Brar v Minister for Immigration
[2017] FCCA 61
•25 January 2017
FEDERAL CIRCUIT COURT OF AUSTRALIA
| BRAR v MINISTER FOR IMMIGRATION & ANOR | [2017] FCCA 61 |
| Catchwords: MIGRATION – Judicial review application – Partner (Residence) (Class BS) visa – whether jurisdictional error. |
| Legislation: Migration Act 1958 (Cth), ss.5F, 65, 66, 357A, 360 and 476 Migration Regulations 1994 (Cth), Sch.2, cll.801.221 and 820.211 |
| Dassanayake v Minister for Immigration & Anor [2016] FCCA 1302 Mansour v Minister for Immigration & Anor [2016] FCCA 2358 Minister for Immigration & Citizenship v Manaf [2009] FCA 963; (2009) 111 ALD 437; (2009) 113 ALD 88 Pavuluri v Minister for Immigration & Border Protection [2014] FCA 502; (2014) 221 FCR 74; (2014) 142 ALD 256 Zubair v Minister for Immigration & Multicultural & Indigenous Affairs [2004] FCAFC 248; (2004) 139 FCR 344; (2004) 211 ALR 261; (2004) 80 ALD 534 |
| Applicant: | GURSHARAN SINGH BRAR |
| First Respondent: | MINISTER FOR IMMIGRATION & BORDER PROTECTION |
| Second Respondent: | ADMINISTRATIVE APPEALS TRIBUNAL |
| File Number: | PEG 559 of 2015 |
| Judgment of: | Judge Lucev |
| Hearing date: | 20 December 2016 |
| Date of Last Submission: | 20 December 2016 |
| Delivered at: | Perth |
| Delivered on: | 25 January 2017 |
REPRESENTATION
| For the Applicant: | In person |
| Counsel for the First Respondent: | Ms E Tattersall |
| For the Second Respondent: | Submitting appearance, save as to costs |
| Solicitors for the Respondents: | Sparke Helmore |
ORDERS
That the application be dismissed.
| FEDERAL CIRCUIT COURT OF AUSTRALIA AT PERTH |
PEG 559 of 2015
| GURSHARAN SINGH BRAR |
Applicant
And
| MINISTER FOR IMMIGRATION & BORDER PROTECTION |
First Respondent
| ADMINISTRATIVE APPEALS TRIBUNAL |
Second Respondent
REASONS FOR JUDGMENT
Introduction
On 1 December 2015 the applicant lodged an application for judicial review (“Judicial Review Application”) pursuant to s.476 of the Migration Act 1958 (Cth) (“Migration Act”) seeking review of a decision of the Administrative Appeals Tribunal dated 27 October 2015 (“2015 Tribunal Decision” and “Tribunal” respectively) to affirm a decision of a delegate (“Delegate’s Decision” and “Delegate” respectively) of the first respondent, the Minister for Immigration and Border Protection (“Minister”) to refuse the applicant a Partner (Residence) (Class BS) visa (“Partner Residence Visa”) under s.65 of the Migration Act 1958.
Background
The applicant, a citizen of India, lodged an application for a Partner (Temporary) (Class UK Subclass 820) visa (“Temporary Partner Visa”) and a Partner Residence Visa on 18 March 2013: CB 1-24. The applicant was sponsored by his wife, Rosalita Lee Brar (née Marshall): CB 25-34.
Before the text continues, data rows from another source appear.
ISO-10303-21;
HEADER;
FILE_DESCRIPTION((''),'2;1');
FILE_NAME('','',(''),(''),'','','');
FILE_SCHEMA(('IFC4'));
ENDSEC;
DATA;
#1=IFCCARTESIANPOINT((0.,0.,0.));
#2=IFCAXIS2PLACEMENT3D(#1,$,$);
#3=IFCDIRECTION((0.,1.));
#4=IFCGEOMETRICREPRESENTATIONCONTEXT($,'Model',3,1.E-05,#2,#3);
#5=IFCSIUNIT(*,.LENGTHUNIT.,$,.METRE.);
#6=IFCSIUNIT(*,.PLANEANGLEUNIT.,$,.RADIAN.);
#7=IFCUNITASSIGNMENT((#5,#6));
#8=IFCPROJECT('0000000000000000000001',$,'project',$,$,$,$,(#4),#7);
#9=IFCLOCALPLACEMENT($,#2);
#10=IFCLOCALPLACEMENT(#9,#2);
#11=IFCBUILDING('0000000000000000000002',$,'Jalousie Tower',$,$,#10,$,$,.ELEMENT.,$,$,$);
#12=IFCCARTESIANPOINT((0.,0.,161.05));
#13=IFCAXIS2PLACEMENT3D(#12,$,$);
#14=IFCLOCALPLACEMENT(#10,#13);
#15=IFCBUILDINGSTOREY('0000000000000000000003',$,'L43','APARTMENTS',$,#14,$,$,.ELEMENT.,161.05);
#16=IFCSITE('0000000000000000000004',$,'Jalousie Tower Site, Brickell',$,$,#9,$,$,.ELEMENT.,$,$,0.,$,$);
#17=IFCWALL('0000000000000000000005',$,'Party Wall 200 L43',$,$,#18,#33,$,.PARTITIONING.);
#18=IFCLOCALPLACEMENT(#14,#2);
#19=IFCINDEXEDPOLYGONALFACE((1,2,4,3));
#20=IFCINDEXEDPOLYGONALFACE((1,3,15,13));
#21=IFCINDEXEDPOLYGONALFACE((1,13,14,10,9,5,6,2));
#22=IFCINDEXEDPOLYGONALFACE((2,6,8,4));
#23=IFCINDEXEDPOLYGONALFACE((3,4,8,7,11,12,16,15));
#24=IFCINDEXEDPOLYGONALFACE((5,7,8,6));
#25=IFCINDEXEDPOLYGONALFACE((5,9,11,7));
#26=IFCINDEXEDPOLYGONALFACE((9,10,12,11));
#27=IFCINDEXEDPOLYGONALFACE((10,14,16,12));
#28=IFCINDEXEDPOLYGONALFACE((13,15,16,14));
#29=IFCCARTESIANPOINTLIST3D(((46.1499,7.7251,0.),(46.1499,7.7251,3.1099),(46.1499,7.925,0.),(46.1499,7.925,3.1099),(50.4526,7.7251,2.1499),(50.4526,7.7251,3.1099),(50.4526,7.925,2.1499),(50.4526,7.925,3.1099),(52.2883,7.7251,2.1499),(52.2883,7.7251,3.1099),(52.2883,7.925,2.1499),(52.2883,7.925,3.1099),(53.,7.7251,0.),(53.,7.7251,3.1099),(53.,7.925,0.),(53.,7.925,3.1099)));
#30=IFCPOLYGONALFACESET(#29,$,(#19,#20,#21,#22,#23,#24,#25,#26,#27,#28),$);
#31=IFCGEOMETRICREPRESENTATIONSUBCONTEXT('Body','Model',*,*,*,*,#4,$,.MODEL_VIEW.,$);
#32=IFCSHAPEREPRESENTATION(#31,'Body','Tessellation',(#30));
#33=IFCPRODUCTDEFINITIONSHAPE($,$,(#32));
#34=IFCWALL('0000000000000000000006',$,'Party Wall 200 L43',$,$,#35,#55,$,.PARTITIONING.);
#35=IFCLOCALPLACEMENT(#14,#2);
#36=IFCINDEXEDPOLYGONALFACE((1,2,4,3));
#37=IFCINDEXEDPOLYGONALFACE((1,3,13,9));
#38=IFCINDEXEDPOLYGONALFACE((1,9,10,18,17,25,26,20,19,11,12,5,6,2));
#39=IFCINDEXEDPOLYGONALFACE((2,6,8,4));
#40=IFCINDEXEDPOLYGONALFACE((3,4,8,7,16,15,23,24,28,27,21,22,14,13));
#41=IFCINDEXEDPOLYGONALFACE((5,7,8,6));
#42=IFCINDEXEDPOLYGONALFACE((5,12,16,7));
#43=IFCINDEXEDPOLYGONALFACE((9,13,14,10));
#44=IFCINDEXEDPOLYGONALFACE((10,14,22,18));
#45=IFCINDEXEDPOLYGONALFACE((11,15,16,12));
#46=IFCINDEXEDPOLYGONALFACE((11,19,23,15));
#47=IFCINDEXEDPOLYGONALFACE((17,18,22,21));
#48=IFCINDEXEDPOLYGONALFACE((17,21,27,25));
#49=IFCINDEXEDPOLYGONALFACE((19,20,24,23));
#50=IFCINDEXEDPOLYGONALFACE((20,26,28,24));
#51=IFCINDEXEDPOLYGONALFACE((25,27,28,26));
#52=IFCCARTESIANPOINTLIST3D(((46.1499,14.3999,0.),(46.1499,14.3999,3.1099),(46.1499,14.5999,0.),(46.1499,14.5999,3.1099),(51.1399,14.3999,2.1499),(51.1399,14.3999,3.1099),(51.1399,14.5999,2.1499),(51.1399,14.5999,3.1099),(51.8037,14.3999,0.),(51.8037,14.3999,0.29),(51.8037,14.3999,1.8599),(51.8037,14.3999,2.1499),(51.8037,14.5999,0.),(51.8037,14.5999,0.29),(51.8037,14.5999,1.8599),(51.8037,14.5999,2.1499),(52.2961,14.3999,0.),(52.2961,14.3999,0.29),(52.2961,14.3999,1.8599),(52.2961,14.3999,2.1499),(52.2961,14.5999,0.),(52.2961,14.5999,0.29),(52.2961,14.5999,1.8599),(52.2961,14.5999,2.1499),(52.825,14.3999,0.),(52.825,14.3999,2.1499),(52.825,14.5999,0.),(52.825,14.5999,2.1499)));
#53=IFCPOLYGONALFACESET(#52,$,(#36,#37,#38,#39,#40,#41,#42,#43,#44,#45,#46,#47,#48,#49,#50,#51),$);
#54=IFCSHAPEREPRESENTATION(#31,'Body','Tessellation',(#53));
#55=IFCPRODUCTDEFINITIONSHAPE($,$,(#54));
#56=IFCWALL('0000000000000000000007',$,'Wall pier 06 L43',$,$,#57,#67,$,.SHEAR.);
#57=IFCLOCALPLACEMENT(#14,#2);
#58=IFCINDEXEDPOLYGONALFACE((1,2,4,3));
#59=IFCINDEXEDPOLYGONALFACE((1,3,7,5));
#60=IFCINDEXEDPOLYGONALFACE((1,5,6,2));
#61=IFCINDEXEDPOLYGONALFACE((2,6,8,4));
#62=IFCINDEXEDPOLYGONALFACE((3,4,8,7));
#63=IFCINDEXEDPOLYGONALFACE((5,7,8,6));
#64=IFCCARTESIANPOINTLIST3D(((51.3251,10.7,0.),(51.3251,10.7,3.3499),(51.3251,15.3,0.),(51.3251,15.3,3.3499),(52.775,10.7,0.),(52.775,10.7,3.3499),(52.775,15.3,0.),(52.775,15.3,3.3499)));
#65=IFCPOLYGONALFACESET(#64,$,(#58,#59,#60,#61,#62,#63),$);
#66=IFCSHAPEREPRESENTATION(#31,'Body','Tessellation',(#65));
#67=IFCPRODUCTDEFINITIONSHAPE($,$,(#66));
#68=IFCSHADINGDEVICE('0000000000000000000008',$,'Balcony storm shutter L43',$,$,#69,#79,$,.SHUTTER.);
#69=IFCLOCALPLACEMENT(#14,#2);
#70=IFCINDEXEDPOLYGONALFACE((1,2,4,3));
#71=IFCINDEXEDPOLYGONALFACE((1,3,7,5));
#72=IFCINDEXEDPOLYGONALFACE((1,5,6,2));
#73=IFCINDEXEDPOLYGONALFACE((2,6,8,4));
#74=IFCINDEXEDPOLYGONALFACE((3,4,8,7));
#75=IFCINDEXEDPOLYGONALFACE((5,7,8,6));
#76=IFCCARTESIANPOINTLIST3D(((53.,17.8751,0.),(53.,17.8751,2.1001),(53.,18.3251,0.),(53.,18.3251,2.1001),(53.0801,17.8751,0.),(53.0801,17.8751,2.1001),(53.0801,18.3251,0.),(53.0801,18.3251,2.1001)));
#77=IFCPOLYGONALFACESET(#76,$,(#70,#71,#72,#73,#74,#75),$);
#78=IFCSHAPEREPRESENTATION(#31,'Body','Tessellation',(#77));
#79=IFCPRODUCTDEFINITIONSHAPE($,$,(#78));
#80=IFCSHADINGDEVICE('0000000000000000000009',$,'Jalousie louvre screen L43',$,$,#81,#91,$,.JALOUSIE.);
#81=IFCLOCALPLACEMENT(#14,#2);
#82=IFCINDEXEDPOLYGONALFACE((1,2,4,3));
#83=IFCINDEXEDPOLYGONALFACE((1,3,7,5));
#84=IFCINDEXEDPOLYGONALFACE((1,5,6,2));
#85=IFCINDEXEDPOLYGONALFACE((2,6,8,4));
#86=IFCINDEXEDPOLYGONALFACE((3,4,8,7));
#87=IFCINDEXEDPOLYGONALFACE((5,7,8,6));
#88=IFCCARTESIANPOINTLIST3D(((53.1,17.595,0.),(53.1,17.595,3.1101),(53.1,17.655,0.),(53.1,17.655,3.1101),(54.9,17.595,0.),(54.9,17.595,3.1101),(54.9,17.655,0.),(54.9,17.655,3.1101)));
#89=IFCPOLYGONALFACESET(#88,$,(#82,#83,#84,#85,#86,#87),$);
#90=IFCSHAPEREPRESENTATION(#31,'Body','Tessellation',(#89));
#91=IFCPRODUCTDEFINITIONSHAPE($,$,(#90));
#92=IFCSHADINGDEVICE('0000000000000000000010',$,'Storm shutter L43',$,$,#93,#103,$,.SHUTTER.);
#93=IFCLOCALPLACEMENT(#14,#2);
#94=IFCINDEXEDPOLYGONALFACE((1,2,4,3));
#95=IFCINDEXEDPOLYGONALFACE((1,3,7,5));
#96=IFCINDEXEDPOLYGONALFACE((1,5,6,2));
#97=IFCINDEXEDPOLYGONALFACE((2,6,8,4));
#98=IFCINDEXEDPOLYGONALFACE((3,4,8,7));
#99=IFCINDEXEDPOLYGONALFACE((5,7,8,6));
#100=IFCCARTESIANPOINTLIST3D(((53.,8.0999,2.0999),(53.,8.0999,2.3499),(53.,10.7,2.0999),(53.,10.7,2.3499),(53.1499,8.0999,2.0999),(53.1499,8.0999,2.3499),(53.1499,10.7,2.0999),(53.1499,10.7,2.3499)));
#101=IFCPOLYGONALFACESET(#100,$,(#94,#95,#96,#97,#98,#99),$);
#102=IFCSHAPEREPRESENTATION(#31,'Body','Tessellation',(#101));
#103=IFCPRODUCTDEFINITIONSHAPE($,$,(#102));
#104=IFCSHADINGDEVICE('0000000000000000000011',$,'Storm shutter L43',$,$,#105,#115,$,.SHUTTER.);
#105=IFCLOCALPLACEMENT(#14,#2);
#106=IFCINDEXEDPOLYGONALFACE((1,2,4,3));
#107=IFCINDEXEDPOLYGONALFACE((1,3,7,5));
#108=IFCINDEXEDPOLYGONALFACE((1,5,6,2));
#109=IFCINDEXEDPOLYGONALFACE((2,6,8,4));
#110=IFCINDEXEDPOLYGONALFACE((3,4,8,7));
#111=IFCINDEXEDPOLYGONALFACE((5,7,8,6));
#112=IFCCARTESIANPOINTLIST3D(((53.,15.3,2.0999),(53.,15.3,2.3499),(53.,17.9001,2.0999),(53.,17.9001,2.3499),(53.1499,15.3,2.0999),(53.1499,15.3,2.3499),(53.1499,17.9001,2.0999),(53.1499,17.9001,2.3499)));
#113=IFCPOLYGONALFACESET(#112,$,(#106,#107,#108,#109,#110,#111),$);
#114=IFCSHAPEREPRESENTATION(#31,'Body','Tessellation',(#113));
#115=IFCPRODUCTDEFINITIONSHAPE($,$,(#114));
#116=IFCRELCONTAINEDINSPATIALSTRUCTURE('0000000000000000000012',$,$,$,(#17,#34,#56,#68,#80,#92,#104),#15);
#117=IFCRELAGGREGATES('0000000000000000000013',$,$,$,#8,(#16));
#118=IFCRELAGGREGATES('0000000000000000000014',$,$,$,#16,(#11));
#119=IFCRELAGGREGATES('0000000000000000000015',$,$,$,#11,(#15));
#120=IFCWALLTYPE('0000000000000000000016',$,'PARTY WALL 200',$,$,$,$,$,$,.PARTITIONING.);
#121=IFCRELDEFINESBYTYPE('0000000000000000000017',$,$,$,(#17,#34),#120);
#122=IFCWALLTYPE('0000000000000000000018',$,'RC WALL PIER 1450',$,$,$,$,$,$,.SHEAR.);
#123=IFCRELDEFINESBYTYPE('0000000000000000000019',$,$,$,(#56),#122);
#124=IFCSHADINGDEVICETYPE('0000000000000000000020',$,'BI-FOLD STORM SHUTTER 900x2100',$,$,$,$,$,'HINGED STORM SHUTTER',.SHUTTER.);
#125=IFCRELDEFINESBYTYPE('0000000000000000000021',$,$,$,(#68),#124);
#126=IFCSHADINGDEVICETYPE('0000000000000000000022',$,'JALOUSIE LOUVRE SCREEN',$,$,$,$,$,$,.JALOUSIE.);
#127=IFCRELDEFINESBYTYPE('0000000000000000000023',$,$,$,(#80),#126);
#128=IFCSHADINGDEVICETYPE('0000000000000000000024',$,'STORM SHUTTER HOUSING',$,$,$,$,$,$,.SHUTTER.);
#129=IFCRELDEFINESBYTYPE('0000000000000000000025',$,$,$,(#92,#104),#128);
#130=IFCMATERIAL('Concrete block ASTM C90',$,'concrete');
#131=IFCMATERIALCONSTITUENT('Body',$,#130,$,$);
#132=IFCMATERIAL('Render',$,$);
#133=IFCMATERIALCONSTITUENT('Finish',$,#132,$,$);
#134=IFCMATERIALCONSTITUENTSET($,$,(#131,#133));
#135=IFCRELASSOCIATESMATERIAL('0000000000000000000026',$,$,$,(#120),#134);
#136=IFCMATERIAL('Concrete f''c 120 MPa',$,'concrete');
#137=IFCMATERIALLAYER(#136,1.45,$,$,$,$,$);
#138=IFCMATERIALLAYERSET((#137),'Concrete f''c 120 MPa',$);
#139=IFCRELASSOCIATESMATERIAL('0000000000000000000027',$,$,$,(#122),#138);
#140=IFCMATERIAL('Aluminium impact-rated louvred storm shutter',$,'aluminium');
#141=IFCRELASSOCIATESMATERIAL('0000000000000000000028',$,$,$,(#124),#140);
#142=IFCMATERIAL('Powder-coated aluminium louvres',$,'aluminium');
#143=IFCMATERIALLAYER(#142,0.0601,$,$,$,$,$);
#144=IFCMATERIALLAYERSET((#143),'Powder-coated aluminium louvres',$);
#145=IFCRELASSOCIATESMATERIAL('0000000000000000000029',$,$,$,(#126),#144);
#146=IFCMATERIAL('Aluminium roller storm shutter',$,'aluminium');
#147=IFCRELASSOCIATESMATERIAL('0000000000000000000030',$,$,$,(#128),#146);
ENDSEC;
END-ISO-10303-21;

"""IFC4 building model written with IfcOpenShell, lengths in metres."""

from ifc_helpers import new_model, si_unit, direction, frame, frame_2d, origin, origin_2d, place, context, subcontext, project, spatial, polyline, rectangle, outline, extrude, material, layer, layer_set, constituent, constituent_set, type_object, element, save


model = new_model("IFC4")

# Units and contexts
model_context = context("Model", 3, precision=1e-05, world=origin(), true_north=direction((0.0, 1.0)))
body_context = subcontext(model_context, "Body", "Model", "MODEL_VIEW")
ifc_project = project(units=[si_unit("LENGTHUNIT", "METRE"), si_unit("PLANEANGLEUNIT", "RADIAN")], contexts=[model_context])

# Site, building, storey
site_placement = place(None, origin())
site = spatial("IfcSite", under=ifc_project, at=site_placement, Name="Jalousie Tower Site, Brickell", CompositionType="ELEMENT", RefElevation=0.0)
building_placement = place(site_placement, origin())
building = spatial("IfcBuilding", under=site, at=building_placement, Name="Jalousie Tower", CompositionType="ELEMENT")
storey_placement = place(building_placement, frame((0.0, 0.0, 161.05)))
storey = spatial("IfcBuildingStorey", under=building, at=storey_placement, Name="L43", Description="APARTMENTS", CompositionType="ELEMENT", Elevation=161.05)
On 10 July 2013, the Delegate’s Decision was to refuse the grant of the Temporary Partner Visa: CB 61-72. The Delegate was not satisfied that at the time of the application, or since that time, the applicant and sponsor met the definition of spouse in s.5F of the Migration Act 1958. Accordingly, the applicant did not meet c1.820.211(2) of Sch.2 of the Migration Regulations 1994 (Cth). As the applicant had been refused the Temporary Partner Visa the Delegate found that the applicant did not meet the requirements for a Partner Residence Visa, and therefore also refused the application for a Partner Residence Visa: CB 72.
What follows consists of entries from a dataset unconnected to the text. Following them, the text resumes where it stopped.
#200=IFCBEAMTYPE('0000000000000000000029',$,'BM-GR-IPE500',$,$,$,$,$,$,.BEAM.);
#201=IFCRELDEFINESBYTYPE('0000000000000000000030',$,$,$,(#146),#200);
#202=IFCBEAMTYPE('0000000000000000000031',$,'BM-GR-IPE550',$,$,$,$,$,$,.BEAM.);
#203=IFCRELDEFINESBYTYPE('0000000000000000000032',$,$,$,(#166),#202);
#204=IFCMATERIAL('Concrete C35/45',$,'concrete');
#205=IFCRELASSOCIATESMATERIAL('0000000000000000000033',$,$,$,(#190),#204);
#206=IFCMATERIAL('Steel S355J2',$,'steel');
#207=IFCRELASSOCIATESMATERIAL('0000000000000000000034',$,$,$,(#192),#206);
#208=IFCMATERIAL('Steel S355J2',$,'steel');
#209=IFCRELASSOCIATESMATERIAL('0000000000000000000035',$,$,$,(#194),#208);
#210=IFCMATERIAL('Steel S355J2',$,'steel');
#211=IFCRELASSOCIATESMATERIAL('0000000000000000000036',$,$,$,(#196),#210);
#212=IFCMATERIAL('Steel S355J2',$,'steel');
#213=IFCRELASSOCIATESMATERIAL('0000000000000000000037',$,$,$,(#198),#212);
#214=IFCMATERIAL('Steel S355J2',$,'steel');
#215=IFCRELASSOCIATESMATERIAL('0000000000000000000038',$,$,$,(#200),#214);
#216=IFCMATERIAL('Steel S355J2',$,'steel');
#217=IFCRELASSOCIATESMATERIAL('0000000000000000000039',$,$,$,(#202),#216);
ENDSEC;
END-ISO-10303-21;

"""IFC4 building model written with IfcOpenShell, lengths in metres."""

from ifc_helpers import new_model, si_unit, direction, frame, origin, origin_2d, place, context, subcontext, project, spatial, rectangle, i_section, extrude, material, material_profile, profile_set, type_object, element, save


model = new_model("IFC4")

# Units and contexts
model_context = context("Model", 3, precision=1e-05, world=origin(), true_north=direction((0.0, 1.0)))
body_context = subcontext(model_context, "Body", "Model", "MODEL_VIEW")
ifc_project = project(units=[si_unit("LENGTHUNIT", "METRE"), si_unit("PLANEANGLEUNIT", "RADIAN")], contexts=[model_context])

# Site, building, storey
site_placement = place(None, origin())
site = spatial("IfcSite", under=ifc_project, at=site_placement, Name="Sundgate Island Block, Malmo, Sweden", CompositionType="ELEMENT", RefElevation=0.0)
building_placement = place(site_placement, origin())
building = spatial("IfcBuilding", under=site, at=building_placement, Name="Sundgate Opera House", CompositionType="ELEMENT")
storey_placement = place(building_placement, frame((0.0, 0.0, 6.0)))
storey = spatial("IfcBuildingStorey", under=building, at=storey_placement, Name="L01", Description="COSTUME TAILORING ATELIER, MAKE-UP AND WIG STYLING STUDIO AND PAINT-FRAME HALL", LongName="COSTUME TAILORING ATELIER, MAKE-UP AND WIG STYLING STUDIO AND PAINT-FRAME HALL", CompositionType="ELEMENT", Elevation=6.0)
The applicant subsequently applied to the Tribunal for review in respect of the Delegate's Decision to refuse to grant the applicant the Temporary Partner Visa: CB 73 at [1]. The Tribunal found, by decision dated 15 October 2013: CB 73-74 (“2013 Tribunal Decision”), that it had no jurisdiction to review the Delegate's Decision as the application for review had not been made within 21 days of the applicant being notified of the Delegate’s Decision.
On 16 January 2015, the applicant was re-notified of the Delegate's Decision dated 10 July 2013 insofar as it related to the Partner Residence Visa: CB 75-80.
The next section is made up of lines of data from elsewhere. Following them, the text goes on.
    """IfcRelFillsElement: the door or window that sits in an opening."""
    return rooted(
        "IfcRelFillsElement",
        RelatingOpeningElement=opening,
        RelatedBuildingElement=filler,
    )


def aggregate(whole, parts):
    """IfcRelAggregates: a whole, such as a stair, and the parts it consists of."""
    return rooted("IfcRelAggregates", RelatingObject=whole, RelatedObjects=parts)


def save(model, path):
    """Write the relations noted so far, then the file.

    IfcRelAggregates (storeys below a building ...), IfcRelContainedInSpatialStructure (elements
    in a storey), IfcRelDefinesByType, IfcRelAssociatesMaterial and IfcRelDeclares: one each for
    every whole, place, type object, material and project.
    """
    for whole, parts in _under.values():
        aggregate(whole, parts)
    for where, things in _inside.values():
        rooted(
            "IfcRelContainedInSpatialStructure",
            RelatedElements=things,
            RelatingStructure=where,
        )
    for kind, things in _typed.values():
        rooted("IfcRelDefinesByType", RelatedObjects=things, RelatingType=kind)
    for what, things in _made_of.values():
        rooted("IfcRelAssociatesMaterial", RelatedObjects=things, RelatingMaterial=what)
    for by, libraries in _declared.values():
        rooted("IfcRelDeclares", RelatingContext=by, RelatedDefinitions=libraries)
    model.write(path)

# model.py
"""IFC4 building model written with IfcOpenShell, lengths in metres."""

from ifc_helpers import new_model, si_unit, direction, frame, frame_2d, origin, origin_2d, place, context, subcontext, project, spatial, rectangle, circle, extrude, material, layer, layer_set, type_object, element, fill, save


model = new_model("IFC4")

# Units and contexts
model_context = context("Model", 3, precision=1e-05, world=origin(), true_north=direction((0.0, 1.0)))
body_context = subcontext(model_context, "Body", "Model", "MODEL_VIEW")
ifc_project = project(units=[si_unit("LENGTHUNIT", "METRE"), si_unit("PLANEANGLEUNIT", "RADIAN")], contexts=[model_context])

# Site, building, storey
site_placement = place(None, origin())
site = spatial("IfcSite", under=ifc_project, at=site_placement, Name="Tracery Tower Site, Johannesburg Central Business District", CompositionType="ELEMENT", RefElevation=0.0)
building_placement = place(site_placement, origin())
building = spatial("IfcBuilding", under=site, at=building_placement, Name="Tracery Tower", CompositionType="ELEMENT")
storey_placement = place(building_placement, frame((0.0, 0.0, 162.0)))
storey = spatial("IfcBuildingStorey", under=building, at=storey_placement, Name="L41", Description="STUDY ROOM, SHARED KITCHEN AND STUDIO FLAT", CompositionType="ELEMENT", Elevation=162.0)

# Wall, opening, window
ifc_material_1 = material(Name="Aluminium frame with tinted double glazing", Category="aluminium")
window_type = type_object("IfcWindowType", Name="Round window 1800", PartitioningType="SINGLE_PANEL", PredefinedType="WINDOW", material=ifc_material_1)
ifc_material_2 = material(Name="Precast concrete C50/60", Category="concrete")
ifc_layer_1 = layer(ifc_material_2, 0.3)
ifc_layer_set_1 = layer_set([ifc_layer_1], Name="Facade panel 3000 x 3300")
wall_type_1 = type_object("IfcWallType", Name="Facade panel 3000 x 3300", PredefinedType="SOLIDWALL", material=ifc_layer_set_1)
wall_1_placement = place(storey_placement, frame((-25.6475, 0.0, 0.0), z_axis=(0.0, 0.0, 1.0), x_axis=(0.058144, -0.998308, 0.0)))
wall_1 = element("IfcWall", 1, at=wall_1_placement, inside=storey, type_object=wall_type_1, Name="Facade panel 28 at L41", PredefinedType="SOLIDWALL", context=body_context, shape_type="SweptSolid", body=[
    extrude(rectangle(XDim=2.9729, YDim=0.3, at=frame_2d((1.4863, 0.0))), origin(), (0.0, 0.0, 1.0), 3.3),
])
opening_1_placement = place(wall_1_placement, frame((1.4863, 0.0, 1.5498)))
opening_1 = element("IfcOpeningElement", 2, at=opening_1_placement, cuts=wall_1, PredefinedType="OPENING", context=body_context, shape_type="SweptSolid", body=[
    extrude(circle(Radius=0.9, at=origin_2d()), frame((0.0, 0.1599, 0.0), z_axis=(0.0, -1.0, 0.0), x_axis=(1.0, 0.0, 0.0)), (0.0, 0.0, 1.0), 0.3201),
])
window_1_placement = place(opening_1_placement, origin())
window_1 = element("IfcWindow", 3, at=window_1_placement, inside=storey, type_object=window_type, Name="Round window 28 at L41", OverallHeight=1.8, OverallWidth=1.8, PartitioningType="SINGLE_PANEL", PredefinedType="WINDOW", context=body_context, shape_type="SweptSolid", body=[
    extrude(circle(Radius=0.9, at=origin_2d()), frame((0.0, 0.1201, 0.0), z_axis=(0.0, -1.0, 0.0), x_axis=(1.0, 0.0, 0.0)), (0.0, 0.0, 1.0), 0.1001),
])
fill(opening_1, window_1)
On 13 February 2015, the applicant lodged an application for review to the Tribunal in respect of the Delegate’s Decision to refuse to grant the applicant the Partner Residence Visa: CB 81-82.
2015 Tribunal Decision
The 2015 Tribunal Decision at CB 352-354 is as follows:
1. This is an application for review of a decision made by a delegate of the Minister for Immigration on 10 July 2013 to refuse to grant the applicant a Partner (Residence) (Class BS) visa under s.65 of the Migration Act 1958 (the Act).
2. The applicant applied for the visa on 18 March 2013 on the basis of his relationship with his sponsor. The criteria for the grant of this visa are set out in Part 801 of Schedule 2 to the Migration Regulations 1994 (the Regulations). The primary criteria must be satisfied by at least one applicant. Other members of the family unit, if any, who are applicants for the visa need satisfy only the secondary criteria. Relevantly to this matter the primary criteria include cl.801.221.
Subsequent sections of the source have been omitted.